Millennials Are Moving Into the Crypto Economy in Droves
As the hype surrounding cryptocurrency continues to explode, virtual coins are garnering a new legion of supporters — millennials. A new report suggests that over 30 percent of young people are investing in crypto and trying to bridge the alleged wealth gap between themselves and older generations.
Released by Blockchain Capital, the report in question alleged nearly one-third of those aged 18 to 34 would rather purchase bitcoin over government bonds, stocks, and even gold. Data also suggested that over 40 percent of millennials have heard of cryptocurrency – a solid difference between the 15 percent of those aged 65 and up.
Bitcoin Offers More
These numbers are slated to grow by the end of 2018. New reports have suggested that one in every three millennials will own cryptocurrency by late December.

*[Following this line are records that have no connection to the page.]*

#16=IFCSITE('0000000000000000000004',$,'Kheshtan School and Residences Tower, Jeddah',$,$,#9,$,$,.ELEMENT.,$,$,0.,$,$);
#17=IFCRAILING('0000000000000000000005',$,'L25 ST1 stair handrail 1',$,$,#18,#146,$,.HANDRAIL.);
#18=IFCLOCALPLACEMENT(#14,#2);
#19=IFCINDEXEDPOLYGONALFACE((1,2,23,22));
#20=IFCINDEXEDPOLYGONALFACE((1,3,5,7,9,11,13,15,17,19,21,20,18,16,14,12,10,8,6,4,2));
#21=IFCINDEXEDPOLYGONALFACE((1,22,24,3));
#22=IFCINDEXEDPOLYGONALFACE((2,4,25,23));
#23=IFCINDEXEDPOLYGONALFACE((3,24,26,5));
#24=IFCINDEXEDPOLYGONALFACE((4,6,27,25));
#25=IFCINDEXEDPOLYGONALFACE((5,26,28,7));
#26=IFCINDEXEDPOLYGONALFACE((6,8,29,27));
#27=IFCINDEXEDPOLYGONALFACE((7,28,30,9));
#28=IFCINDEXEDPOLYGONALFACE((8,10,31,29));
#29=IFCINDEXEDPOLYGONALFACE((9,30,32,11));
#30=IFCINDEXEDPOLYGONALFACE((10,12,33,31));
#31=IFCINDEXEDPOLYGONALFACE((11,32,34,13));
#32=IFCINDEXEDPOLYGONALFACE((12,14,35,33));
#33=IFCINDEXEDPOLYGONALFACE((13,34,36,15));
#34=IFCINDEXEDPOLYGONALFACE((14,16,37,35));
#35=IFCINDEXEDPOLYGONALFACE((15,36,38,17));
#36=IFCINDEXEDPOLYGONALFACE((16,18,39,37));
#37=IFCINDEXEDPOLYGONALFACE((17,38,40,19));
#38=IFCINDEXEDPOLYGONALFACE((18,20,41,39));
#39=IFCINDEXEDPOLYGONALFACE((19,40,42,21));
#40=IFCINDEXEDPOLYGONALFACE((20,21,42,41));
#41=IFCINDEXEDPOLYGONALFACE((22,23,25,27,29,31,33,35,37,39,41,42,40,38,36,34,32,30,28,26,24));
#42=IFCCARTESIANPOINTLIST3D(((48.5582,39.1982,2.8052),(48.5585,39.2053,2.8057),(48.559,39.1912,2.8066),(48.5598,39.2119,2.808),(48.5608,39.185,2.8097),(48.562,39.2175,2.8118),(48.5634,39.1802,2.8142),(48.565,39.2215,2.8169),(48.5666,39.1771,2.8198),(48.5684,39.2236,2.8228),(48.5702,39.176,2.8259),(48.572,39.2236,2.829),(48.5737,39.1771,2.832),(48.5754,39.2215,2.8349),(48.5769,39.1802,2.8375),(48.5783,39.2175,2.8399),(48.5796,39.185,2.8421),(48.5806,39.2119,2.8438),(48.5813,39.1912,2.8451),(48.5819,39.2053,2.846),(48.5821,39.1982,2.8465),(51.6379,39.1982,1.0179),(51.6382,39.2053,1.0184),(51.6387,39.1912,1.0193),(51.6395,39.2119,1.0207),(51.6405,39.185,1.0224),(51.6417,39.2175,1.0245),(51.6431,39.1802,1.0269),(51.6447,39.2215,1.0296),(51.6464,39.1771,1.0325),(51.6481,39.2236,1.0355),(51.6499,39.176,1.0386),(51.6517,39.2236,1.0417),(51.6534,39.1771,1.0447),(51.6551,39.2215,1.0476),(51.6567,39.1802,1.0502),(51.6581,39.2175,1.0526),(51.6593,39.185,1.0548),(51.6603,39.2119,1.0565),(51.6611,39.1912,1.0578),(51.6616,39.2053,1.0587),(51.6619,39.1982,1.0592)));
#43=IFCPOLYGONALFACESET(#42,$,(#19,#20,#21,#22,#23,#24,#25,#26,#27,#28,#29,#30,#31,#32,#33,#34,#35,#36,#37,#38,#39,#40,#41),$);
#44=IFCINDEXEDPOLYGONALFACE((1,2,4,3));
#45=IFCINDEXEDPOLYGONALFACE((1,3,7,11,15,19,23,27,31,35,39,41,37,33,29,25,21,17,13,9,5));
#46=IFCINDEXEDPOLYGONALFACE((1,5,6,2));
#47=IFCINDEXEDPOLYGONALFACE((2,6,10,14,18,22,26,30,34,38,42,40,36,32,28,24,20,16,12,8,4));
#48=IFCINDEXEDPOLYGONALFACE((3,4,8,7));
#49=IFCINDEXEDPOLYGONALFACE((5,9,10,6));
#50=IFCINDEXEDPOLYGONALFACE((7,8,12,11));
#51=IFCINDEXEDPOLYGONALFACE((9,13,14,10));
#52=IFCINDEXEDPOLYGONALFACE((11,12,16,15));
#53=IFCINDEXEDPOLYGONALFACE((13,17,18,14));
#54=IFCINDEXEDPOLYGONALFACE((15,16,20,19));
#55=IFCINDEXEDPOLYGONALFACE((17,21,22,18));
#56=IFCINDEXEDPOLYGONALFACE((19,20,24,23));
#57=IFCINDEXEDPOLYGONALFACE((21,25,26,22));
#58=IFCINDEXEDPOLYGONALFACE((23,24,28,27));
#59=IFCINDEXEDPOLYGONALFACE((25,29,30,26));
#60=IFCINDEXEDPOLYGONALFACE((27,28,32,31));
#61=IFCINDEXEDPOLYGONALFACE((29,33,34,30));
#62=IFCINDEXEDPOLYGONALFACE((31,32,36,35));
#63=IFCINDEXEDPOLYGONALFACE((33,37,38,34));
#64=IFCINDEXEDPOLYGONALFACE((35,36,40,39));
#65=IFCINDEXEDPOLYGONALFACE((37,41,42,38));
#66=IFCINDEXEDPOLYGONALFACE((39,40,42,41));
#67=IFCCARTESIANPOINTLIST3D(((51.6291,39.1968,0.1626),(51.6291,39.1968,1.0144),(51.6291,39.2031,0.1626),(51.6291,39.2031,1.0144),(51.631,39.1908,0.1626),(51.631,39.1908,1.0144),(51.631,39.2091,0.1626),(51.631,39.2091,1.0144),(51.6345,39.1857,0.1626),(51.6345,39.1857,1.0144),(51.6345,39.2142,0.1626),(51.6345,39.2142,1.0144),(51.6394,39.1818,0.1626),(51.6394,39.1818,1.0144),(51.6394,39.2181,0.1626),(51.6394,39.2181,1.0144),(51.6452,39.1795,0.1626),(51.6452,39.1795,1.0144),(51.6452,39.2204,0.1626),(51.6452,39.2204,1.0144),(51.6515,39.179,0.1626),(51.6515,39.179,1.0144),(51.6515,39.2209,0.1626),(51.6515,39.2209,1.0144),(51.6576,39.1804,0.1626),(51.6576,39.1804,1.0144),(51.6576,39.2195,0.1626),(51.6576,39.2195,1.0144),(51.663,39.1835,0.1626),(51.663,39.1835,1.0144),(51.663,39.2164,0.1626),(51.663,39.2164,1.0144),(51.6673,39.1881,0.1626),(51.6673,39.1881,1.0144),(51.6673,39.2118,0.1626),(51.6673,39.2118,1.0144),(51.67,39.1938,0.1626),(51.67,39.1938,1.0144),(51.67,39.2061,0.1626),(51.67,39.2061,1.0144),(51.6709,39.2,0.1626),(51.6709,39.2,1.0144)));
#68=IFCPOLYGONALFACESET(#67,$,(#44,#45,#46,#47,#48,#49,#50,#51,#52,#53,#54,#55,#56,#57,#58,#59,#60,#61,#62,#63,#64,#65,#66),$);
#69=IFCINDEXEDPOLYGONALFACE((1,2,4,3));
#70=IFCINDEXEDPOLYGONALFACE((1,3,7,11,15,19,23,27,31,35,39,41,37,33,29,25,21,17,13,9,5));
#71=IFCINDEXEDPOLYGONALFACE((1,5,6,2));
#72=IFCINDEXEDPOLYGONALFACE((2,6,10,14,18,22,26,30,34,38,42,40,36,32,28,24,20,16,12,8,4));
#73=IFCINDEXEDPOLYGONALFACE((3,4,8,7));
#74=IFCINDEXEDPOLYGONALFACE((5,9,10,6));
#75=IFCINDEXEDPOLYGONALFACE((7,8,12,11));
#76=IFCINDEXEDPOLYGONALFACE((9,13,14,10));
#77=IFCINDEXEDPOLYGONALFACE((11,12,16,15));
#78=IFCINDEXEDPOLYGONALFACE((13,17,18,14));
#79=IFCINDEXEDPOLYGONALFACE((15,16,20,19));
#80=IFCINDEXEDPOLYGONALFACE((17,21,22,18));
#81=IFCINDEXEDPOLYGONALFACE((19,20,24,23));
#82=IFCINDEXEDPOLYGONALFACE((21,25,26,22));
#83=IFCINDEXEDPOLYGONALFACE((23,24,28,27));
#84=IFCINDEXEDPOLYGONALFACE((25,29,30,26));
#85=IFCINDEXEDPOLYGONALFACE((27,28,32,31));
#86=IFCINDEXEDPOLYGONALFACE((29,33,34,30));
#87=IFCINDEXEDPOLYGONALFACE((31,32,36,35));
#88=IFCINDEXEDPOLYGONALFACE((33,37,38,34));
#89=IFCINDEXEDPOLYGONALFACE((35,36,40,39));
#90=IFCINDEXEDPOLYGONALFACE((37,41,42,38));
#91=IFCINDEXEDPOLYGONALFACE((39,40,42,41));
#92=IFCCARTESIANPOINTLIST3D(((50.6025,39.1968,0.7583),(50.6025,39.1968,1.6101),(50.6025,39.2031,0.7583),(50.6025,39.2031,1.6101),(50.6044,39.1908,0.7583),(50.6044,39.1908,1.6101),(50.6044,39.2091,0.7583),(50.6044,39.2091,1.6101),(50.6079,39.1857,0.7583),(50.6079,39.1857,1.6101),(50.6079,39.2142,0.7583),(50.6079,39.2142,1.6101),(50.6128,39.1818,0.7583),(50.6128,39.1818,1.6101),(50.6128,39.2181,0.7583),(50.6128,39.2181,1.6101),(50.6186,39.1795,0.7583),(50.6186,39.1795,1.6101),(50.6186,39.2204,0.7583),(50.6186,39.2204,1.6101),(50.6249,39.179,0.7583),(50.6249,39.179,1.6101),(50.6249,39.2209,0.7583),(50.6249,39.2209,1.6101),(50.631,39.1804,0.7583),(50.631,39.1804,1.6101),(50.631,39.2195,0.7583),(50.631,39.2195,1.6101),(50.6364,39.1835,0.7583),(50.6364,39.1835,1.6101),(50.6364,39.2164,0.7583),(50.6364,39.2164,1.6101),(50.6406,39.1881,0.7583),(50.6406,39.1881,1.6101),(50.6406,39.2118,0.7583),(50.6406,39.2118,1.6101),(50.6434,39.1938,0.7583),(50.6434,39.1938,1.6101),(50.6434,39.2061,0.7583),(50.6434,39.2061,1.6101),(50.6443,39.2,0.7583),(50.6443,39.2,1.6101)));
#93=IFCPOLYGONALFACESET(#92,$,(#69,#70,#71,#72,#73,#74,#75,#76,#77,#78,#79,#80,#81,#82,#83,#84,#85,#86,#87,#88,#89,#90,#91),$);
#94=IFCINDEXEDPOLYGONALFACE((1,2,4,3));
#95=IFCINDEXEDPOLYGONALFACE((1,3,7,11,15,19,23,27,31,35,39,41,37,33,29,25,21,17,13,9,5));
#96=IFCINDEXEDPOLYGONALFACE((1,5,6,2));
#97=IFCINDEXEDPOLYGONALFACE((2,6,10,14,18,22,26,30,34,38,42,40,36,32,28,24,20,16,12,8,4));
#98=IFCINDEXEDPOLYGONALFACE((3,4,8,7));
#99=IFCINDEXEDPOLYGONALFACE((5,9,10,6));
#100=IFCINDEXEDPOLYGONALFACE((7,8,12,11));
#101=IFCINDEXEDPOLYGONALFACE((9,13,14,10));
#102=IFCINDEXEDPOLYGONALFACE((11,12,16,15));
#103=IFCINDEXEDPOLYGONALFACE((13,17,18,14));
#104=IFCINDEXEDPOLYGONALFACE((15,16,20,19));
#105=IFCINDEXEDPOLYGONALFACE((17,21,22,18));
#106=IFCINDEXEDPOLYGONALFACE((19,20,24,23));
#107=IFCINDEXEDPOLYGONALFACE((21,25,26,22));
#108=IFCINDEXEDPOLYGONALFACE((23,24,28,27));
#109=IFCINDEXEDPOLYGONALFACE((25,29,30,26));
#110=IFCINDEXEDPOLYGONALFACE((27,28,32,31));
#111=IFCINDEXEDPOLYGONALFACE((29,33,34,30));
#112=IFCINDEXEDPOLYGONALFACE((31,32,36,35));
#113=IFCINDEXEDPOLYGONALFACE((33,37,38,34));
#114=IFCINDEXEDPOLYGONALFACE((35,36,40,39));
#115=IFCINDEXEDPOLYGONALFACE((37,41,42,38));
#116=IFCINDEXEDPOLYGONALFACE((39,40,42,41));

But for millennials, bitcoin and the technology behind cryptocurrency don’t just represent an opportunity for wealth – they represent a solid future and a stable job market.
Following the “Great Recession” of the late ’00s and early ’10s, college grads’ biggest complaint was that it was difficult to find long-term employment and stable income, and a handful of millennials are now looking at alternative routes of finding a job.
A Change in Direction
One of those routes involves cryptocurrency, and several young people have already made their names and staked futures for themselves with digital currency.
Mel Gelderman and David Hoggard, for example, are two 20-something entrepreneurs. As the founders of TokenCard in the U.K., the pair managed to raise over $16 million last December during an ICO (initial coin offering) crowd-sale, and according to Hoggard, the time for young people to get involved in blockchain technology is now:
“The barriers to entry are quite low. For people looking to do something interesting with their lives, blockchain is such a staggering opportunity.”
Education Should Always Come First
But millennials are urged to educate themselves before making any sudden moves. Ex-hedge fund trader and co-founder of CoinFi Timothy Tam suggested that as new investors, young people are prone to certain mistakes, and he has some advice for millennials looking to get their hands on crypto.
“You should always keep in mind the price correlation between bitcoin and most altcoins to account for volatile market conditions,” he explained. “What we noticed at CoinFi is that bitcoin and several other coins have an inverse relationship in their value. Once there’s a dip in the bitcoin price, everyone rushes into buying other coins and vice versa. This volatility can cause serious losses for inexperienced investors.”
Final Words of Advice
Tam also informed millennials to be careful of the “bots”, which can have serious repercussions on one’s initial investments; to allocate their “assets based on risk tolerance” (in other words, know when and where to stop), and avoid over-trading to ensure they’re safe granted they endure a sudden financial loss.
Tam said he’s confident the sudden demand amongst young people will push crypto prices even higher in the coming months:
“There’s a limited supply [of coins] because aside from the fact that there will only ever be 21 million bitcoins in circulation, most of the holders of bitcoin are long-term holders. The demand, on the other hand, just keeps soaring.”